We restrict to a small number of features to keep the simulator fast. Select the top `d` dimensions. Try `d = 4` or `d = 6` and observe runtime vs. performance.

In [None]:
d = 4  # number of features/qubits for the quantum feature map; try 4 or 6
cols = list(range(d))  # take first d features; try other subsets for curiosity
Xtr_d = X_train_s[:, cols]
Xte_d = X_test_s[:, cols]

if AerSimulator is not None:
    backend = AerSimulator()
elif Aer is not None:
    backend = Aer.get_backend('aer_simulator')
else:
    raise ImportError('Qiskit Aer is not available. Install qiskit-aer to run the quantum section.')

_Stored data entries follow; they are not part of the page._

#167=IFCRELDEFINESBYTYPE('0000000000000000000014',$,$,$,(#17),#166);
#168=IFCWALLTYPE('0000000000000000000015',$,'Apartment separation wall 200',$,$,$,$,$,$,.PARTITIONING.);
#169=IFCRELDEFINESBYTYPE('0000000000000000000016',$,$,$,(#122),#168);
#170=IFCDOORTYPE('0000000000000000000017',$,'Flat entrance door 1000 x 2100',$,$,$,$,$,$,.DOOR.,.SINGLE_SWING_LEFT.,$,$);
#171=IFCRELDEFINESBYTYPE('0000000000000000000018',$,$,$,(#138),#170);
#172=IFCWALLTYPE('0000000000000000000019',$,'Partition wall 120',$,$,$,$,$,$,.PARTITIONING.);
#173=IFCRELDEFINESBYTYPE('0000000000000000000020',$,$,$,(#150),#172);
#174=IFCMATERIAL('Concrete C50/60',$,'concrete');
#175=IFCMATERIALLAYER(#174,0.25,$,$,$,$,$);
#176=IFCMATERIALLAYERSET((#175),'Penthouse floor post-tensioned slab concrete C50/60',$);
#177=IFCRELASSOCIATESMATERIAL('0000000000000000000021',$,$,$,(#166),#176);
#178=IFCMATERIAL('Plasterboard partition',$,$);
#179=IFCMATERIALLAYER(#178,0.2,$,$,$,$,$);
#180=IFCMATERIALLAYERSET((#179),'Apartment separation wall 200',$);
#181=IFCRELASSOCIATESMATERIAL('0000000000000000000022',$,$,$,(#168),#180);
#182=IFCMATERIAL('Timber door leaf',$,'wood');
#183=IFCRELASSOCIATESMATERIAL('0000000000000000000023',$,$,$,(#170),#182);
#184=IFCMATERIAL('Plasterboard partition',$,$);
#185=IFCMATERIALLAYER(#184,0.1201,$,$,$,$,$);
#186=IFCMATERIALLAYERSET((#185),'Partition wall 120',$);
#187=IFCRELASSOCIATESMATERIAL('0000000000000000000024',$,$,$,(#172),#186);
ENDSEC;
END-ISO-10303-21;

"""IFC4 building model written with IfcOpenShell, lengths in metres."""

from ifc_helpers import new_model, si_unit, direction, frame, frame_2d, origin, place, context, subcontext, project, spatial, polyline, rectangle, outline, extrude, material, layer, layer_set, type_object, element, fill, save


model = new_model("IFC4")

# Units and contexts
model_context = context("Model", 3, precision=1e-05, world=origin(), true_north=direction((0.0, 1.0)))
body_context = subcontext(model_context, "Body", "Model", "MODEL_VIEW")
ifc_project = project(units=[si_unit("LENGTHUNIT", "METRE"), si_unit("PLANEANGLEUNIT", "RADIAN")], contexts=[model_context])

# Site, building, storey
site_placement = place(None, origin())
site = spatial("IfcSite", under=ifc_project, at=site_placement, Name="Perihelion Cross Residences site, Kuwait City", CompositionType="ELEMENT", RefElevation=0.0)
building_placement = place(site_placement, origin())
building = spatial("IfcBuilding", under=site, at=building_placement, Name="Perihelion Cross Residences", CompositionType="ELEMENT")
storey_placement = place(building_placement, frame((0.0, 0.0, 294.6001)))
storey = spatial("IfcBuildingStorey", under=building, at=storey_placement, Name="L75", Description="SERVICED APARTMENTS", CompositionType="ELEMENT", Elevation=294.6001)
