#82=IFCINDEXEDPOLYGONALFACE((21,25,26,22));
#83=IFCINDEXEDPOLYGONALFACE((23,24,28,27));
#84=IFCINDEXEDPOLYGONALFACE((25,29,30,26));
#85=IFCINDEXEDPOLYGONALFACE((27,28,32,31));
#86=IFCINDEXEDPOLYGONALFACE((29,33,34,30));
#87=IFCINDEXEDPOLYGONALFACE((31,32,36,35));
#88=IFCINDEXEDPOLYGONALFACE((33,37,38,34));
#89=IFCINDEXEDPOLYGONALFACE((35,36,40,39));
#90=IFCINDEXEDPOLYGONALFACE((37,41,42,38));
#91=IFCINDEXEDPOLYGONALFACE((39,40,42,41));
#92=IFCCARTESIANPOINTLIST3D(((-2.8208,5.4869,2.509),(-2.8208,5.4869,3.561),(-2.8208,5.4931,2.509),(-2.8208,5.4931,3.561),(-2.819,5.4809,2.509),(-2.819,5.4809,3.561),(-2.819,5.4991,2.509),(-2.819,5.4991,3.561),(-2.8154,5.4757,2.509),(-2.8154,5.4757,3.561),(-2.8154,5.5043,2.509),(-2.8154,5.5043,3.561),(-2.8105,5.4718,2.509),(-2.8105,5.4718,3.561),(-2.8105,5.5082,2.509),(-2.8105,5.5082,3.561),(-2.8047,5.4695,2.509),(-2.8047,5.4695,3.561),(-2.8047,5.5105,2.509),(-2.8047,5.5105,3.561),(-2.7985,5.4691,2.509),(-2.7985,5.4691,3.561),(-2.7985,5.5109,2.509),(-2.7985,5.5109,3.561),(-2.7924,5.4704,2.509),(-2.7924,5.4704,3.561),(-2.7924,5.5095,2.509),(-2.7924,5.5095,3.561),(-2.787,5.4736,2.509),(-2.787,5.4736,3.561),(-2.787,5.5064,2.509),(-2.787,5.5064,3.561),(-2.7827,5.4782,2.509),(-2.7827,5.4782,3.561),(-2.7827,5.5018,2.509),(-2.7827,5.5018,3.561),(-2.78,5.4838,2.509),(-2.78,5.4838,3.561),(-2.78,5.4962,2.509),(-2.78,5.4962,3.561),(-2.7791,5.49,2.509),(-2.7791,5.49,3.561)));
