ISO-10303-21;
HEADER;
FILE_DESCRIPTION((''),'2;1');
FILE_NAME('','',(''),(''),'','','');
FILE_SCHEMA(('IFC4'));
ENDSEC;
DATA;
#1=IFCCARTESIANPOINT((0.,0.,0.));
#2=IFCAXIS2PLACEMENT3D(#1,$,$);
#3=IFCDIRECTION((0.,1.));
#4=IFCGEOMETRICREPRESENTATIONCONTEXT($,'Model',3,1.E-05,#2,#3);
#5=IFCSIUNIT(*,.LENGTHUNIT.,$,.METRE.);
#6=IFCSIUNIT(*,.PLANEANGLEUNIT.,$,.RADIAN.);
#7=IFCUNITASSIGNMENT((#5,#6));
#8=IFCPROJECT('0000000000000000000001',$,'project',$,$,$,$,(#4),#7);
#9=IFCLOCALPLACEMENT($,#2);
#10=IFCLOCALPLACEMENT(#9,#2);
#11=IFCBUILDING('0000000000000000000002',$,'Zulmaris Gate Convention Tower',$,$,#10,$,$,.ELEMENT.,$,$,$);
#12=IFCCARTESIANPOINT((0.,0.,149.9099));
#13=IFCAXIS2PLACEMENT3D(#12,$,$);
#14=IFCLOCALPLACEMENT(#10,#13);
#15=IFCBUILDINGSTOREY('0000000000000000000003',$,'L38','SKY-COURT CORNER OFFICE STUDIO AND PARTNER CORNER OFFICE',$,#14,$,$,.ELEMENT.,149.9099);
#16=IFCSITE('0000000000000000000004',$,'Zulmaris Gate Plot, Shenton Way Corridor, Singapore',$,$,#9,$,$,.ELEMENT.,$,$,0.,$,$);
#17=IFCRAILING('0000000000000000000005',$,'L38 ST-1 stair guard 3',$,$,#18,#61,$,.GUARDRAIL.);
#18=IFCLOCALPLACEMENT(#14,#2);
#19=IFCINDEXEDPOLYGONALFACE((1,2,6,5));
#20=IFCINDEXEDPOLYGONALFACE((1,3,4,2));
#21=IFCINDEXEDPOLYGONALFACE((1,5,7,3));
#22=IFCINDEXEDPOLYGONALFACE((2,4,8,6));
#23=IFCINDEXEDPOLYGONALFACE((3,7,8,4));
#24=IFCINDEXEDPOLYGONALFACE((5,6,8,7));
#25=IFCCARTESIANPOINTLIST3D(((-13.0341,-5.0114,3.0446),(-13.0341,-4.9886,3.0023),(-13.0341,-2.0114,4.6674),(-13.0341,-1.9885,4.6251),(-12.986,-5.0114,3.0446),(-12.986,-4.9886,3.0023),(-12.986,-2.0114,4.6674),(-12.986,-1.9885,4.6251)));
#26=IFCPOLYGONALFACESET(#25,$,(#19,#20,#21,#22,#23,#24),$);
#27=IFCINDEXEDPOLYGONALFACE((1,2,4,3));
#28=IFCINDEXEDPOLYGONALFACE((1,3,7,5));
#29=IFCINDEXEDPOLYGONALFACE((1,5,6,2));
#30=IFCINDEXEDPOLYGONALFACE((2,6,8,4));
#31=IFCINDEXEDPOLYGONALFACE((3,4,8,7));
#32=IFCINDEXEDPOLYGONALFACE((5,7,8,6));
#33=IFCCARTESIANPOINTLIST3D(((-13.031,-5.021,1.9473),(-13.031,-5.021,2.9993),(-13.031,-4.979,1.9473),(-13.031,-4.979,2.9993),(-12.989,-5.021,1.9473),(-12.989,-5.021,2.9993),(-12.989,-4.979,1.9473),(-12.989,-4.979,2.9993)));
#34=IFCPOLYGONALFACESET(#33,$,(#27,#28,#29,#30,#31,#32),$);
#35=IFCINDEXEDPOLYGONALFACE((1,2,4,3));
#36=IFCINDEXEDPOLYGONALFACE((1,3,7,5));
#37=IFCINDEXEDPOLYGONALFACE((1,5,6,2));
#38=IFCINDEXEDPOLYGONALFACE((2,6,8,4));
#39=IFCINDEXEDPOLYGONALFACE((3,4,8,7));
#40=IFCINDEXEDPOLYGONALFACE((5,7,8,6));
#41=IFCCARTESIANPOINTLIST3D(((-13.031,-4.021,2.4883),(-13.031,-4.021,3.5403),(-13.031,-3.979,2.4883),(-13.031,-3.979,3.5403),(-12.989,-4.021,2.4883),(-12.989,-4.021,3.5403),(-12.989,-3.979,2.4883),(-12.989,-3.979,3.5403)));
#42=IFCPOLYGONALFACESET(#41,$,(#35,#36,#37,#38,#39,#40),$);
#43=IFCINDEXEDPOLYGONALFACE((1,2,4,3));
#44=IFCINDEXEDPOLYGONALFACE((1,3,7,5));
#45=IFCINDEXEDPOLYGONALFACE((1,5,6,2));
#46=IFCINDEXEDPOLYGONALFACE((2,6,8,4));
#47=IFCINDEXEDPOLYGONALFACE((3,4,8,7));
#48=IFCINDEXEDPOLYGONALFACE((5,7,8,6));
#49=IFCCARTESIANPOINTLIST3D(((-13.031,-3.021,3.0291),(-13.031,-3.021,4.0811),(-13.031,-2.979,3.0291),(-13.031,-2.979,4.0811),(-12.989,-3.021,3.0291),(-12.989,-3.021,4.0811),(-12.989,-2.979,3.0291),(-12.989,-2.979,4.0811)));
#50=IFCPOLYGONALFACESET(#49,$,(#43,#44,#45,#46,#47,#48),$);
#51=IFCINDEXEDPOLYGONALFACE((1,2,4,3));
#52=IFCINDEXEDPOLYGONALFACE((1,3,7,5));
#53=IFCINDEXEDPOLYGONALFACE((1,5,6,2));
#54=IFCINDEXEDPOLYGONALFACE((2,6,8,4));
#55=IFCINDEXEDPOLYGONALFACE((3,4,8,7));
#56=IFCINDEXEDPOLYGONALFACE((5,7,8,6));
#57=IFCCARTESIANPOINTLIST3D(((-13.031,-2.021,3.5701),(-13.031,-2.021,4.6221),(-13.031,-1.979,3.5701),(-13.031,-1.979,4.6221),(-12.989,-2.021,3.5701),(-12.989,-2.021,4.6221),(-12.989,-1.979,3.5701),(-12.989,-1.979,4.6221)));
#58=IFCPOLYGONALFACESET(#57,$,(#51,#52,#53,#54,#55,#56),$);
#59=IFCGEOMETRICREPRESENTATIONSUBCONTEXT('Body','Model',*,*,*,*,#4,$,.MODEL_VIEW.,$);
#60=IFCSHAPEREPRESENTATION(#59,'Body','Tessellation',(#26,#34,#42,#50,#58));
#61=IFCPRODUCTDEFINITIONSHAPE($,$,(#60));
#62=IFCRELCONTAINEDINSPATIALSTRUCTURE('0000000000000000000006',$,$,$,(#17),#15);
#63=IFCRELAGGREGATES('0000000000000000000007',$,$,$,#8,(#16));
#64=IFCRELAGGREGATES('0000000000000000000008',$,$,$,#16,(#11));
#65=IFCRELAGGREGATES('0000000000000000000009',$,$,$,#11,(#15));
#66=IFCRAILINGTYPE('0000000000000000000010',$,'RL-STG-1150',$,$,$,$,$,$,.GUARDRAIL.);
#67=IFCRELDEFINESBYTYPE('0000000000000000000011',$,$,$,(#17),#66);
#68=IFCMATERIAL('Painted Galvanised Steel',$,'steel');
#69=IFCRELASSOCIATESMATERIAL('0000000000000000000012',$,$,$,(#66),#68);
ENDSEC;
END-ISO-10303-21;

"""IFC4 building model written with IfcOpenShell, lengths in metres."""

from ifc_helpers import new_model, si_unit, direction, frame, origin, origin_2d, place, context, subcontext, project, spatial, rectangle, extrude, material, type_object, element, save


model = new_model("IFC4")

# Units and contexts
model_context = context("Model", 3, precision=1e-05, world=origin(), true_north=direction((0.0, 1.0)))
body_context = subcontext(model_context, "Body", "Model", "MODEL_VIEW")
ifc_project = project(units=[si_unit("LENGTHUNIT", "METRE"), si_unit("PLANEANGLEUNIT", "RADIAN")], contexts=[model_context])

# Site, building, storey
site_placement = place(None, origin())
site = spatial("IfcSite", under=ifc_project, at=site_placement, Name="Zulmaris Gate Plot, Shenton Way Corridor, Singapore", CompositionType="ELEMENT", RefElevation=0.0)
building_placement = place(site_placement, origin())
building = spatial("IfcBuilding", under=site, at=building_placement, Name="Zulmaris Gate Convention Tower", CompositionType="ELEMENT")
storey_placement = place(building_placement, frame((0.0, 0.0, 149.9099)))
storey = spatial("IfcBuildingStorey", under=building, at=storey_placement, Name="L38", Description="SKY-COURT CORNER OFFICE STUDIO AND PARTNER CORNER OFFICE", CompositionType="ELEMENT", Elevation=149.9099)

# Railing
ifc_material_1 = material(Name="Painted Galvanised Steel", Category="steel")
railing_type_1 = type_object("IfcRailingType", Name="RL-STG-1150", PredefinedType="GUARDRAIL", material=ifc_material_1)
railing_1_placement = place(storey_placement, frame((-13.01, -5.0, 1.9473)))
element("IfcRailing", 1, at=railing_1_placement, inside=storey, type_object=railing_type_1, Name="L38 ST-1 stair guard 3", PredefinedType="GUARDRAIL", context=body_context, shape_type="SweptSolid", body=[
    extrude(rectangle(XDim=0.0481, YDim=0.0481, at=origin_2d()), frame((0.0, 0.0, 1.0762), z_axis=(0.0, 0.879562, 0.475785), x_axis=(-1.0, 0.0, 0.0)), (0.0, 0.0, 1.0), 3.4109),
    extrude(rectangle(XDim=0.042, YDim=0.042, at=origin_2d()), origin(), (0.0, 0.0, 1.0), 1.052),
    extrude(rectangle(XDim=0.042, YDim=0.042, at=origin_2d()), frame((0.0, 1.0, 0.541)), (0.0, 0.0, 1.0), 1.052),
    extrude(rectangle(XDim=0.042, YDim=0.042, at=origin_2d()), frame((0.0, 2.0, 1.0818)), (0.0, 0.0, 1.0), 1.052),
    extrude(rectangle(XDim=0.042, YDim=0.042, at=origin_2d()), frame((0.0, 3.0, 1.6228)), (0.0, 0.0, 1.0), 1.052),
])

save(model, "model.ifc")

feature_map = ZZFeatureMap(feature_dimension=d, reps=2)  # try reps=1..3 for depth tradeoffs
kernel_params = inspect.signature(FidelityQuantumKernel.__init__).parameters
if 'backend' in kernel_params:
    qkernel = FidelityQuantumKernel(feature_map=feature_map, backend=backend)
elif 'quantum_instance' in kernel_params:
    class _LegacyQuantumInstance:
        def __init__(self, backend):
            self._backend = backend

        @property
        def backend(self):
            return self._backend

    qkernel = FidelityQuantumKernel(feature_map=feature_map, quantum_instance=_LegacyQuantumInstance(backend))
else:
    qkernel = FidelityQuantumKernel(feature_map=feature_map)

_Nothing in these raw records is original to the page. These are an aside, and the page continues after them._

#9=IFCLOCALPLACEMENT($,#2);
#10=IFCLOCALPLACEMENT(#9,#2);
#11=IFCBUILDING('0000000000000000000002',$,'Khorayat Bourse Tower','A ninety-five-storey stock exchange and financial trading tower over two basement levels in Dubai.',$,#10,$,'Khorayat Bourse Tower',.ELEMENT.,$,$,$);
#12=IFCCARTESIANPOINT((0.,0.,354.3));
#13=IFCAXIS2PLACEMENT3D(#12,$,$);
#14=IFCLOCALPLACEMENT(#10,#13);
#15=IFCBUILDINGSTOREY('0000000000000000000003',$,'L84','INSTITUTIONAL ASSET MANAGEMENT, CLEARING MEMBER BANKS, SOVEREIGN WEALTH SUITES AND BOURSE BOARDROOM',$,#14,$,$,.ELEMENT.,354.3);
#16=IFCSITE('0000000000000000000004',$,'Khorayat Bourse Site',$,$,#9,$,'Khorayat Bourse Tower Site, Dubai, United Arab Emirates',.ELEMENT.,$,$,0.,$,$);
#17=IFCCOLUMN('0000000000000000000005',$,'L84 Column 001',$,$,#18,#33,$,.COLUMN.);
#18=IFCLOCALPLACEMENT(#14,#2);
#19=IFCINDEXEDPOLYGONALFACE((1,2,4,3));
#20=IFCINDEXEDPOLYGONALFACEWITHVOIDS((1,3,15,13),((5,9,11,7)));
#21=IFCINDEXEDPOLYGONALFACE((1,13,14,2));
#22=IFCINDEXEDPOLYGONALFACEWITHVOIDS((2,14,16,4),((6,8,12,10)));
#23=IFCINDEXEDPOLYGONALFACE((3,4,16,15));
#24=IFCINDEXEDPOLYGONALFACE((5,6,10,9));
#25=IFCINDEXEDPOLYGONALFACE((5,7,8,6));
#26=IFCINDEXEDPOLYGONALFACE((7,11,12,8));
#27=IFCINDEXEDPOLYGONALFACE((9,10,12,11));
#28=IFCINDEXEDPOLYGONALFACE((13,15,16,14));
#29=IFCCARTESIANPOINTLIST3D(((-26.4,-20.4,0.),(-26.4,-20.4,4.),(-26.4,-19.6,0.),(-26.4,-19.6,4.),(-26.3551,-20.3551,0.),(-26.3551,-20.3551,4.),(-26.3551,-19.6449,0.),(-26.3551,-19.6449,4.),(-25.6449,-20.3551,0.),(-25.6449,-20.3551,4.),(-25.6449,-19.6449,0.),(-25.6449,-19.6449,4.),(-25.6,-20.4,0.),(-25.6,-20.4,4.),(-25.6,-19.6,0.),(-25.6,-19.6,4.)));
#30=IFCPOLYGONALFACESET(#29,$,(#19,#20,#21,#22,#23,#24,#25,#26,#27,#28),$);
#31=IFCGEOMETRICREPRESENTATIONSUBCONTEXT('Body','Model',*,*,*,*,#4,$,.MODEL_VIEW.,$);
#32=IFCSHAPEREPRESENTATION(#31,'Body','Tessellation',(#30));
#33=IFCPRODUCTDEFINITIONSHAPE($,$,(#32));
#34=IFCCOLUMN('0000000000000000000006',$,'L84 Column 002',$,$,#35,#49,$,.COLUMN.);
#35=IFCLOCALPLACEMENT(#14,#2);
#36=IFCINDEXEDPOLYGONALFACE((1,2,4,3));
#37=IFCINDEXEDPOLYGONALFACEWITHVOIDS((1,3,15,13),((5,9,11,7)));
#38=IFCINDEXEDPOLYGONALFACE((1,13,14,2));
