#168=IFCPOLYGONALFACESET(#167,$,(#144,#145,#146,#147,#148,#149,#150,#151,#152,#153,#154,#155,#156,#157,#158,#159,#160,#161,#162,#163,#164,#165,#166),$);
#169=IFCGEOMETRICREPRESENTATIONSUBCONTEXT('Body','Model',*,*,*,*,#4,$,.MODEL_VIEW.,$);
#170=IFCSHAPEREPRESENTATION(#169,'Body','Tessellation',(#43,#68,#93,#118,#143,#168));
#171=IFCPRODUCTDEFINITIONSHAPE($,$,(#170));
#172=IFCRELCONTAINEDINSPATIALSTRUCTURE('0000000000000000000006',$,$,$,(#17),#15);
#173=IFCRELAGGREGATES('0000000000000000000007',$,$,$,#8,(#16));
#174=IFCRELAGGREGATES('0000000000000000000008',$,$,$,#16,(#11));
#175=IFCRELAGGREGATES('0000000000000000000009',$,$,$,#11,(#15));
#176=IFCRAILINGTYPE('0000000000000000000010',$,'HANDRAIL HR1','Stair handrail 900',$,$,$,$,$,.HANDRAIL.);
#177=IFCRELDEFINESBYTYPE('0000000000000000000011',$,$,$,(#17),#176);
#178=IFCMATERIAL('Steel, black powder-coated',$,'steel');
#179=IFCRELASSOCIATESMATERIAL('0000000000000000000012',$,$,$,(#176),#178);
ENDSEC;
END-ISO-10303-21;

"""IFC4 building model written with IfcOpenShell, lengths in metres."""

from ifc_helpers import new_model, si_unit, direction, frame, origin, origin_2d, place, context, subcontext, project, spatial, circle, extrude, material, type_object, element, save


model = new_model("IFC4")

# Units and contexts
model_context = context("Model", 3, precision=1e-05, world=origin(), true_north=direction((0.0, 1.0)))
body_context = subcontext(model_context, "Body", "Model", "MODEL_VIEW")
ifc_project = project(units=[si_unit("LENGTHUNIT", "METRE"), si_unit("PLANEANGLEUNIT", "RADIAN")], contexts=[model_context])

Ktr = qkernel.evaluate(Xtr_d)
Kte = qkernel.evaluate(Xte_d, Xtr_d)

qsvm = SVC(kernel='precomputed')
qsvm.fit(Ktr, y_train)
qpred = qsvm.predict(Kte)
print('QSVM accuracy:', (qpred == y_test).mean())
print(classification_report(y_test, qpred, digits=4))
print(confusion_matrix(y_test, qpred))


## 6) Compare & Reflect

- How do accuracies compare?
- How does runtime scale as you increase `d` (qubits) or `reps` (circuit depth)?
- Are there particular features that help QSVM more than classical SVM?
- What would change if we used a real noisy backend instead of a simulator?

## 7) Extensions / Homework

1. Try different feature subsets instead of the first `d` columns (e.g., choose `[0,2,3,7]`).
2. Add n-gram or character-based features (but keep `d` small for QSVM runs).
3. Swap the feature map (e.g., `PauliFeatureMap`).
4. Try a variational classifier (VQC) with a small ansatz (may be slower).
5. Replace the dataset with a real malicious URL corpus and compare trends.
6. Profile timing for classical vs QSVM to understand scaling effects.